Photos: Where art meets science


Hairs on leaf
This photograph does not portray orange starfish on a rocky seabed, but rather tiny star-shaped hairs on a plant's leaf. The hairs, called trichomes, can help stop insects from feeding on the leaf and prevent some water loss.
Shrimp cleaning teeth
A shrimp enters the mouth of a fish to clean its teeth. Fish value this service because shrimp can remove and eat harmful parasites. When fish need a cleaning, they approach the anemone in the background, in which the shrimp lives, and open their mouths, encouraging the shrimp in. Both partners benefit.
Funfair forces
A rotating amusement park ride at dusk. Passengers on this ride experience a force about twice that of gravity. The force is due to the acceleration felt by the change in direction necessary to keep the passenger moving in a circle at a constant speed. The same force applies to satellites orbiting planets and planets orbiting the sun.
How thick is your brain?
The thickness of a brain's gray matter varies across the brain. Here it is color-coded, from red (thickest) to blue (thinnest). Made up of nerve cell bodies, gray matter is thickest in the frontal lobes of the brain, at the top. Researchers believe that the frontal lobes control languages, memory, judgment and social skills.
Liquid crystals
Molecules' orientation within a liquid crystal can be seen by viewing the crystals with polarized light. Regions that have the same color here have the same orientation.
Surface tension
Water's surface tension can support a metal paper clip. An attraction between the molecules in water causes its surface to act in an elastic manner. By photographing it using a grill in front of the light source, the indentation of the surface caused by the clip's weight can be seen. This bending of light is similar to that in strong gravitational fields, as predicted by Einstein's theories.
Hiding
Identification techniques are increasingly relying on medical technology, or biometrics, to provide more personal forms of ID, which are harder to fake. Some feel that this is an invasion of their privacy.
Bursting balloon
The popping of a balloon happens too fast for us to see in detail.
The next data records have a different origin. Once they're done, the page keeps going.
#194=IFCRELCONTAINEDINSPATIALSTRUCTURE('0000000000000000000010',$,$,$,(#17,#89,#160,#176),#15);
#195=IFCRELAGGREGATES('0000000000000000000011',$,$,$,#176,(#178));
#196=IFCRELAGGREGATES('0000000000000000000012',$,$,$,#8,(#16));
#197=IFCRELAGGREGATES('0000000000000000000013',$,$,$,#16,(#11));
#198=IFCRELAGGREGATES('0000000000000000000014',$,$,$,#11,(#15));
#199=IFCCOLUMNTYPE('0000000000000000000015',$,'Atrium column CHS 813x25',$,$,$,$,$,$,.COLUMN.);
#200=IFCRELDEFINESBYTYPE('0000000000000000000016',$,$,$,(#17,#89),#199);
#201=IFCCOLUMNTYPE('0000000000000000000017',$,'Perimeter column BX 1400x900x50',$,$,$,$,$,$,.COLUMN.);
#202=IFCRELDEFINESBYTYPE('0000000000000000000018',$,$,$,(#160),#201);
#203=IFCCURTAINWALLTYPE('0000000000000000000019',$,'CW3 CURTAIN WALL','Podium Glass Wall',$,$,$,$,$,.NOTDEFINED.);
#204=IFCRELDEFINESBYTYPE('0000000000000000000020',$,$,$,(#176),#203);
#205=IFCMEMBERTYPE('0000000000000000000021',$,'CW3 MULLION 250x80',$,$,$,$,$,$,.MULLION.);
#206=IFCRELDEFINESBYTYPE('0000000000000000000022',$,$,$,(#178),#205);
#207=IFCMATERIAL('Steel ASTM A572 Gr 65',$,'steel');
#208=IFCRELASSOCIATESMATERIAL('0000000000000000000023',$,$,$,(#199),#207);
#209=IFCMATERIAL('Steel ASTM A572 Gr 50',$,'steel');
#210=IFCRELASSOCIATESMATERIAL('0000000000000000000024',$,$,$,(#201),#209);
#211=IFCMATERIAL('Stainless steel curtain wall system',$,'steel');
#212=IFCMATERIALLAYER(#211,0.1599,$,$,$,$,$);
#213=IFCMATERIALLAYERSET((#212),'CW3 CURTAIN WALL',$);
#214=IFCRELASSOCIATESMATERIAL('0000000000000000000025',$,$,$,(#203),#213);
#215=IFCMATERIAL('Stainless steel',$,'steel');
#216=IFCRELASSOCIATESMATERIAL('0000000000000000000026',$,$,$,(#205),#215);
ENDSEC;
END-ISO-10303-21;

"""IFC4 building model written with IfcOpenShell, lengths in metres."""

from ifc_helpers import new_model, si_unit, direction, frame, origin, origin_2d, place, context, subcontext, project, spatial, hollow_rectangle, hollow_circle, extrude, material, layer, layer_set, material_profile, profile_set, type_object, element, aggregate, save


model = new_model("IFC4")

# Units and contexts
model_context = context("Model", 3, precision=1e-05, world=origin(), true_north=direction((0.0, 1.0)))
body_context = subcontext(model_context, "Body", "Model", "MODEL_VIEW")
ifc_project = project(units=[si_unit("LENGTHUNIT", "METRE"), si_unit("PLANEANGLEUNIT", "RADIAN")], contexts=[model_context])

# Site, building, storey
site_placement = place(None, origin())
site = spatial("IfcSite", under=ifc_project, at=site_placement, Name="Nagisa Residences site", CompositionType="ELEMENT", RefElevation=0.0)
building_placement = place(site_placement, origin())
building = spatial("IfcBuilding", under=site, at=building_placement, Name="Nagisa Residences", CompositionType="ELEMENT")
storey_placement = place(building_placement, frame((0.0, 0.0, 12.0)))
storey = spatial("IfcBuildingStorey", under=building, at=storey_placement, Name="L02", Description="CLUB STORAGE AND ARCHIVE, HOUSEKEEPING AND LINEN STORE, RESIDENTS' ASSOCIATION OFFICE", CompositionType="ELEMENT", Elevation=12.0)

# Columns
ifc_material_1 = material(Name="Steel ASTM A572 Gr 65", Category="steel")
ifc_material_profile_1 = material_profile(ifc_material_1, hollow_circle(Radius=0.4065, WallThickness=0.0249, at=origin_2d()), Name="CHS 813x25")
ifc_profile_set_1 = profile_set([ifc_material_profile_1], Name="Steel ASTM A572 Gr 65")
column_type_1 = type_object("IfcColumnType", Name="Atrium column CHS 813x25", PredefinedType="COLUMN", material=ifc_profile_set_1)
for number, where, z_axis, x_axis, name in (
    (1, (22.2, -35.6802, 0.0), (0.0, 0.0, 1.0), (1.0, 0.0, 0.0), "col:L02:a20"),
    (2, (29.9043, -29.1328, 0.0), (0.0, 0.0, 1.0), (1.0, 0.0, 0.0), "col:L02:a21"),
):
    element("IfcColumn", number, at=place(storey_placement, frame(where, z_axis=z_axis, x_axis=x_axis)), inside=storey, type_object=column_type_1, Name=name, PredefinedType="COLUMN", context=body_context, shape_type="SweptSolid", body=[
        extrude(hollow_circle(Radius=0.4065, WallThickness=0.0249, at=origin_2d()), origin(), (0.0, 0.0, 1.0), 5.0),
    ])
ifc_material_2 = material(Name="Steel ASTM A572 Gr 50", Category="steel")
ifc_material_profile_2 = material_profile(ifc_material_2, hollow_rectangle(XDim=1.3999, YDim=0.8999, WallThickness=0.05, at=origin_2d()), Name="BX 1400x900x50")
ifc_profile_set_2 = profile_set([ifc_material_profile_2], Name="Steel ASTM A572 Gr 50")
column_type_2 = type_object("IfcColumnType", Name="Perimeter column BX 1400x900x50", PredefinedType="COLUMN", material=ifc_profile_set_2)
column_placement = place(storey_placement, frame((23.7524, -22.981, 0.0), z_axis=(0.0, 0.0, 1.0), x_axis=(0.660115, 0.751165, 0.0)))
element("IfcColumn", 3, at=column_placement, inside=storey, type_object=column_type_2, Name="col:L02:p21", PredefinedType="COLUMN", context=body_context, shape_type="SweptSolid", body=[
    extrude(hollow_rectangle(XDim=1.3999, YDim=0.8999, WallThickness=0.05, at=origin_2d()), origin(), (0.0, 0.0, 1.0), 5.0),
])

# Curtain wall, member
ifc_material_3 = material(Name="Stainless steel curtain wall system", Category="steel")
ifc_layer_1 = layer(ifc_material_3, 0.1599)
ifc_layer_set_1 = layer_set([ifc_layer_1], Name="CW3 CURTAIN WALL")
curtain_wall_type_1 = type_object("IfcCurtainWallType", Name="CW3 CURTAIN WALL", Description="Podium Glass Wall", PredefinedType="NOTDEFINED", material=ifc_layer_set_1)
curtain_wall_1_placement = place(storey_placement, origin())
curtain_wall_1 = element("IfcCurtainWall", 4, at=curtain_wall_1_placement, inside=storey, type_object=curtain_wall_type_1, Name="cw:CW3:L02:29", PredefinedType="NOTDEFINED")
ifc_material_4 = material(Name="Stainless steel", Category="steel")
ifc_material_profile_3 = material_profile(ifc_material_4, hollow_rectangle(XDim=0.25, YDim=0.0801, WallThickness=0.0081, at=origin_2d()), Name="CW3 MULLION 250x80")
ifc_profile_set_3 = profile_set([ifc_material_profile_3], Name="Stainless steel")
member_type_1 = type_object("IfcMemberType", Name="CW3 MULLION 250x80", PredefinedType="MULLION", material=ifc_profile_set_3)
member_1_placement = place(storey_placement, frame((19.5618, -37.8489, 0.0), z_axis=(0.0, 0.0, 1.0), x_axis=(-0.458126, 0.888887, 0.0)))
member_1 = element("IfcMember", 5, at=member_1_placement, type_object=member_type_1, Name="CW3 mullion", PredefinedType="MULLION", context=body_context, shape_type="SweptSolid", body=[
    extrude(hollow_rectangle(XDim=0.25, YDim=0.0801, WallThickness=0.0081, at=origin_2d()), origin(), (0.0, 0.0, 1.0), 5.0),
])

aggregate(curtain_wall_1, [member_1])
But high-speed photography reveals what is happening at the time of the pop: The stretched skin of the balloon breaks rapidly and violently.
Butterfly on a plant stem
The cellular structure of this sunflower stem includes red vascular areas and blue supportive tissue. This systematic regularity contrasts with the sweeping outline of the butterfly.
Cancer cell movement
This cancer cell is moving down a pore in a filter, during a process of spreading called metastasis. The image was taken at Cancer Research UK, where the spread of cancer is studied in the hope of finding a cure.